Smoking may have been practiced more than 2,000 years ago, according to the ancient Greek historian, Herodotus. He describes Scythian tribesmen in Asia Minor, who "have a tree which bears the strangest produce. When they are met together in companies, they throw some of it upon the fire 'round which they are sitting, and presently, by the mere smell of the fumes which it gives out in burning, they grow drunk, as the Greeks do with wine. More of the fruit is then thrown on the fire, and their drunkenness increasing, they often jump up and begin to dance and sing. Such is the account which I have heard of these people." The fruit referred to by Herodotus is supposed to have been hemp.
One of the first descriptions of tobacco smoking in the New World reached France through a report of Jacques Cartier, who explored the St. Lawrence River as far as where Montreal, Canada, now stands. In giving his account of the voyage, Cartier describes the Indians' use of tobacco:
"There groweth also a certain kind of herb, whereof in summer they make great provision for all the year, making a great account of it, and only men use it, and first they cause it to be dried in the sun, then wear it about their necks wrapped in a little beast skin, with a hollow piece of stone or wood like a pipe.
"Then when they please they make a powder of it, and then put it in one of the ends of the said pipe, and laying a coal of fire upon it, at the other end suck so long that they fill their bodies full of smoke, till it cometh out of their mouths and nostrils, even as out of a chimney. They say that this doth keep them warm and in health; they never go without some of it about them."
The sixteenth-century French explorer and his fellow countrymen had little liking for the peppery fumes, and tobacco was not mentioned again in France for another twenty years.
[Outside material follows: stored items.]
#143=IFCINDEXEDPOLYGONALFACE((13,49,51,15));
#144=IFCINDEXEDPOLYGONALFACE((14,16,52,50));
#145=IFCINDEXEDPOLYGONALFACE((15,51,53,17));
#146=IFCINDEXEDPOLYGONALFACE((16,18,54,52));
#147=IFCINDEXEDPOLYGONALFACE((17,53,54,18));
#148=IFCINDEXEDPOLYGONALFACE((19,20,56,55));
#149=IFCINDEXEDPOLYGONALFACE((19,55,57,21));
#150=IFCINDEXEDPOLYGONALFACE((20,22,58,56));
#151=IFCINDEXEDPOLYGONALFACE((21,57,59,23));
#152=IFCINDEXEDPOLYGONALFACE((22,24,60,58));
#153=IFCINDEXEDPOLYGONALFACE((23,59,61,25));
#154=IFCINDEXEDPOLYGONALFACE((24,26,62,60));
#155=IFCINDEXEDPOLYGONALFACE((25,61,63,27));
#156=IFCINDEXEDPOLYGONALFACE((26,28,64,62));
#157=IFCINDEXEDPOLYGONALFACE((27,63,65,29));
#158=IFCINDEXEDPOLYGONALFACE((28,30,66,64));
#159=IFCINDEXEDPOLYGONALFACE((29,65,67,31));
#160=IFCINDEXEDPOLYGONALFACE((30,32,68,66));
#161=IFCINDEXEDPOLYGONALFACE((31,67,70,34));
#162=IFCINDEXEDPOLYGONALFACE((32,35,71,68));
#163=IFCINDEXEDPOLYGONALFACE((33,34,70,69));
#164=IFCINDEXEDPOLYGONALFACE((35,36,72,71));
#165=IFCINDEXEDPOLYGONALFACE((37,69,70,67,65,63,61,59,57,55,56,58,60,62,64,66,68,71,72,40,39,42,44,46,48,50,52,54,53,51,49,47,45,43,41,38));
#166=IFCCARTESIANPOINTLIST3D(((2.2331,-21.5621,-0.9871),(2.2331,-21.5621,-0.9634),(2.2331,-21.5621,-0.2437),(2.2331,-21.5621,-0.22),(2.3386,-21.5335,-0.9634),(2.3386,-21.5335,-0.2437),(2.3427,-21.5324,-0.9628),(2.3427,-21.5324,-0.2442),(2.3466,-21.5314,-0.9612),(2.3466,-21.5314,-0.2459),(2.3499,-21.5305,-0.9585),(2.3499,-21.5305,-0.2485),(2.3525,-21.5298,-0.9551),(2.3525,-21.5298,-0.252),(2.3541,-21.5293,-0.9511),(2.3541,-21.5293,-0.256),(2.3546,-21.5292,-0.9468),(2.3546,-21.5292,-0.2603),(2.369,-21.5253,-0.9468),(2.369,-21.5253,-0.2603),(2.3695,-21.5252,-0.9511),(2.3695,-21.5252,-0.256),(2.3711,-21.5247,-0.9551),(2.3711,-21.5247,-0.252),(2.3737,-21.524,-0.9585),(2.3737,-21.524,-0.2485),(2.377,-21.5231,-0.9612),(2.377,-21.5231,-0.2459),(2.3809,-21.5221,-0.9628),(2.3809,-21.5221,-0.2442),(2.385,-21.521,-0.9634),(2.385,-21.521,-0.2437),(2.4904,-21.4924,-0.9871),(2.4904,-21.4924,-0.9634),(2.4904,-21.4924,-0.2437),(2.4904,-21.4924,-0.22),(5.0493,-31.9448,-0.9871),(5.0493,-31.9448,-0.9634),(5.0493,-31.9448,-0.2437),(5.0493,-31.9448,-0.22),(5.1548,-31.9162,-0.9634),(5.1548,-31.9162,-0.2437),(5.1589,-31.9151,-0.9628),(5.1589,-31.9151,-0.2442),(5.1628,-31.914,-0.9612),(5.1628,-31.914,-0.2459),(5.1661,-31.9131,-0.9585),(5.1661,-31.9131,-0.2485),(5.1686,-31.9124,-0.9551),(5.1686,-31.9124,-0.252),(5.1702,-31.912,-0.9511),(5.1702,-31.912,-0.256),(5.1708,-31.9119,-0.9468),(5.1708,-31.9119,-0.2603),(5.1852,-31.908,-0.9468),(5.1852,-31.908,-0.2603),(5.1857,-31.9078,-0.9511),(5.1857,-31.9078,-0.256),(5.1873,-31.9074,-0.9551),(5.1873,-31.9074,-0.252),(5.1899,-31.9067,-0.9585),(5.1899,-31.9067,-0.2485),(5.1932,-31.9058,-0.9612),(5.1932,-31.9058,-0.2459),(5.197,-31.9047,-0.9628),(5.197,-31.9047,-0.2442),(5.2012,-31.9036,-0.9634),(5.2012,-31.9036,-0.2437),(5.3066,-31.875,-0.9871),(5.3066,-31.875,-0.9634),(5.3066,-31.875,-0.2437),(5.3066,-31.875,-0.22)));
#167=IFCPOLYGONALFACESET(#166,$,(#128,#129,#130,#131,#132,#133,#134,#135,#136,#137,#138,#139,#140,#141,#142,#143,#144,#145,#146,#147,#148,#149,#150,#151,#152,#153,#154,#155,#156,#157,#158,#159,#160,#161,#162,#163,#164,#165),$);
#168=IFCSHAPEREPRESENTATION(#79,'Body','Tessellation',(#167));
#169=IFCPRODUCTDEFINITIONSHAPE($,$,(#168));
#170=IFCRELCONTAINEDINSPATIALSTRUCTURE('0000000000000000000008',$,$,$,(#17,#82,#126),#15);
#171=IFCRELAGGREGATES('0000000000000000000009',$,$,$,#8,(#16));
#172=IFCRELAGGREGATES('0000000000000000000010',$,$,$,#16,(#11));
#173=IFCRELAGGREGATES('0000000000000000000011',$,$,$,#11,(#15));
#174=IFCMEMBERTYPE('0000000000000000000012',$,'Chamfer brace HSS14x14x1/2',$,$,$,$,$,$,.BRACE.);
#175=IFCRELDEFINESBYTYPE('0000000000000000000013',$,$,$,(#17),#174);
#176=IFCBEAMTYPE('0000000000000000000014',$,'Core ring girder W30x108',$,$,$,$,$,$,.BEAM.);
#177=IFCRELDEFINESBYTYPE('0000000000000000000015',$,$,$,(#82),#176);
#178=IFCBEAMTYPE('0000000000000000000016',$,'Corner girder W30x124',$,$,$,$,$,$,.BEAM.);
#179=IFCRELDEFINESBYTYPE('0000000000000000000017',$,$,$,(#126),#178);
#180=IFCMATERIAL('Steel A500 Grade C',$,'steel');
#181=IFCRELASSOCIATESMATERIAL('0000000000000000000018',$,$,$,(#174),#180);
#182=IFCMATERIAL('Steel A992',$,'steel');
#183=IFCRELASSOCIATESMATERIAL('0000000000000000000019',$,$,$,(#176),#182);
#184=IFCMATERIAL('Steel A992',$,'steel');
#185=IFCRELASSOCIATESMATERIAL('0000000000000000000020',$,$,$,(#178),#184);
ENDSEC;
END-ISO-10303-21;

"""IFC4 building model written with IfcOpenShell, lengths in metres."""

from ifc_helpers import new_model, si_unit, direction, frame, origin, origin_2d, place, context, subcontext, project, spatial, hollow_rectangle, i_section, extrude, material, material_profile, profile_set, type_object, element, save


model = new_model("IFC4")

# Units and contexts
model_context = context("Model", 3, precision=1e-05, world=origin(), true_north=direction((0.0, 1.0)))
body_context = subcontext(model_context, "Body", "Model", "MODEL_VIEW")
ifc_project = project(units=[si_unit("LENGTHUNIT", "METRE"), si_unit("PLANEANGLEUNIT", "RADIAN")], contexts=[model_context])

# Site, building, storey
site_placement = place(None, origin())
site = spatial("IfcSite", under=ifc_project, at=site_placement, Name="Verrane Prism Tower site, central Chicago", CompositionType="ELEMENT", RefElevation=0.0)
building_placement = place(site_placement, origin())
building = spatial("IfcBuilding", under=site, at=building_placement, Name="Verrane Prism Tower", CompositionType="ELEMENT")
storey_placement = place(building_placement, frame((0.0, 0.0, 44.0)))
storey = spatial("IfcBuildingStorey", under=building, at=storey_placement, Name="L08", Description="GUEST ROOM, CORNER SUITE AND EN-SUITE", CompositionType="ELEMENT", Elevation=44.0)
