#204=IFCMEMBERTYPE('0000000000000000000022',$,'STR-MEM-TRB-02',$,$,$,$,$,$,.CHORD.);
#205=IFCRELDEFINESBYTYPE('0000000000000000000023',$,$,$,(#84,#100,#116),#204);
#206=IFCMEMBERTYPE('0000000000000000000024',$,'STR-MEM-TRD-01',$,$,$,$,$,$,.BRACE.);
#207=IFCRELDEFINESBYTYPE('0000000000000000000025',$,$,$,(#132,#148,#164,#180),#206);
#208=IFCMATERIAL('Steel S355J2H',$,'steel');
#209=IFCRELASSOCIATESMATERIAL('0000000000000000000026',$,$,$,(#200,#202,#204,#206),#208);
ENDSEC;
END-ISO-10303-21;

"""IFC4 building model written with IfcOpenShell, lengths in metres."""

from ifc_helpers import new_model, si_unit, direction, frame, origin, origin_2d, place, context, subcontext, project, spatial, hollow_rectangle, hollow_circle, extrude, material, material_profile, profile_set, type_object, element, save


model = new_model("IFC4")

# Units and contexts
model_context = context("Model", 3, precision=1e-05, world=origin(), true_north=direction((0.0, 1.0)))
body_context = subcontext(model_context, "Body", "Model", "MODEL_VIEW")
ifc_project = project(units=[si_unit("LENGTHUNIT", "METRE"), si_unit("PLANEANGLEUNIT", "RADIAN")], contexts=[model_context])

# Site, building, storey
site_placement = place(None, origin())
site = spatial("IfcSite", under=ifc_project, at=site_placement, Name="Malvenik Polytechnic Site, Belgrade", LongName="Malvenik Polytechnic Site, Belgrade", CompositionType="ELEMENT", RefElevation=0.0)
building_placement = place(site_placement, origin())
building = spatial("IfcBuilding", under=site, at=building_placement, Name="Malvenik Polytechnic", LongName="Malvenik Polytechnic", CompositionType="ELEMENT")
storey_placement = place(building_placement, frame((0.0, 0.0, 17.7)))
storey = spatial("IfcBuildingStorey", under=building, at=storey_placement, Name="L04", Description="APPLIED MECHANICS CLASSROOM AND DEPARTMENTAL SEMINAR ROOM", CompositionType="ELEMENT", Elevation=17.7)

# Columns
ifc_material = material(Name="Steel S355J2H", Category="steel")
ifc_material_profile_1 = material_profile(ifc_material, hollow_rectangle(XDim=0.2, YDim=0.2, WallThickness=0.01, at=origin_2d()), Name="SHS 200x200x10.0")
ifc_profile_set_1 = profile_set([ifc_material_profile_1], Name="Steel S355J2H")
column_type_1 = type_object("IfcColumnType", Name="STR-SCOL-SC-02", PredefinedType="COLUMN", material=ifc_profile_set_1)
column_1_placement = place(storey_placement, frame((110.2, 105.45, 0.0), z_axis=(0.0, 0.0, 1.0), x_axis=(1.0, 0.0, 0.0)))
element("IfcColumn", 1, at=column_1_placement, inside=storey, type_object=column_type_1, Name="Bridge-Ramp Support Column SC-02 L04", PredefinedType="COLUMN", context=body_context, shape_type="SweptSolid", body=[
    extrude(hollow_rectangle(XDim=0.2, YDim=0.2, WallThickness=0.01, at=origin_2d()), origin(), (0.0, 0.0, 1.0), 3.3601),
When the conquering Spaniards first witnessed the American Indians puffing violently at smoldering tobacco leaves, they tried it out themselves, and soon fell into the habit of pipe smoking. The sailors then proceeded to carry the practice of pipe smoking back to Europe, where it grew and spread.
The settlers in the new world were quick to exploit the increasing demand for tobacco in Europe, and many British colonists in Virginia made small fortunes in tobacco cultivation. At first, they grew the native North American variety, Nicotiana rustica, which they had seen raised by the Indians. But the fortunes of the tobacco growers greatly increased after 1612, when John Rolfe, the husband of the Indian princess, Pocahontas, imported seeds of West Indian tobacco, Nicotiana tabacum, to Jamestown. This more desirable variety was an instant success and from then on every British-bound ship leaving the colony carried many bales of tobacco in its hold.
By this time, the value of tobacco had become so universal and so well established that the settlers used it as currency. Some of the colonists, starved for female company in the predominantly male settlements, advertised in England for wives, offering tobacco in payment for their passage. They were willing to deliver one hundred and fifty pounds of tobacco for the passage of each of "a hundred young women of agreeable person and respectable character," making each prospective bride literally worth her weight in tobacco.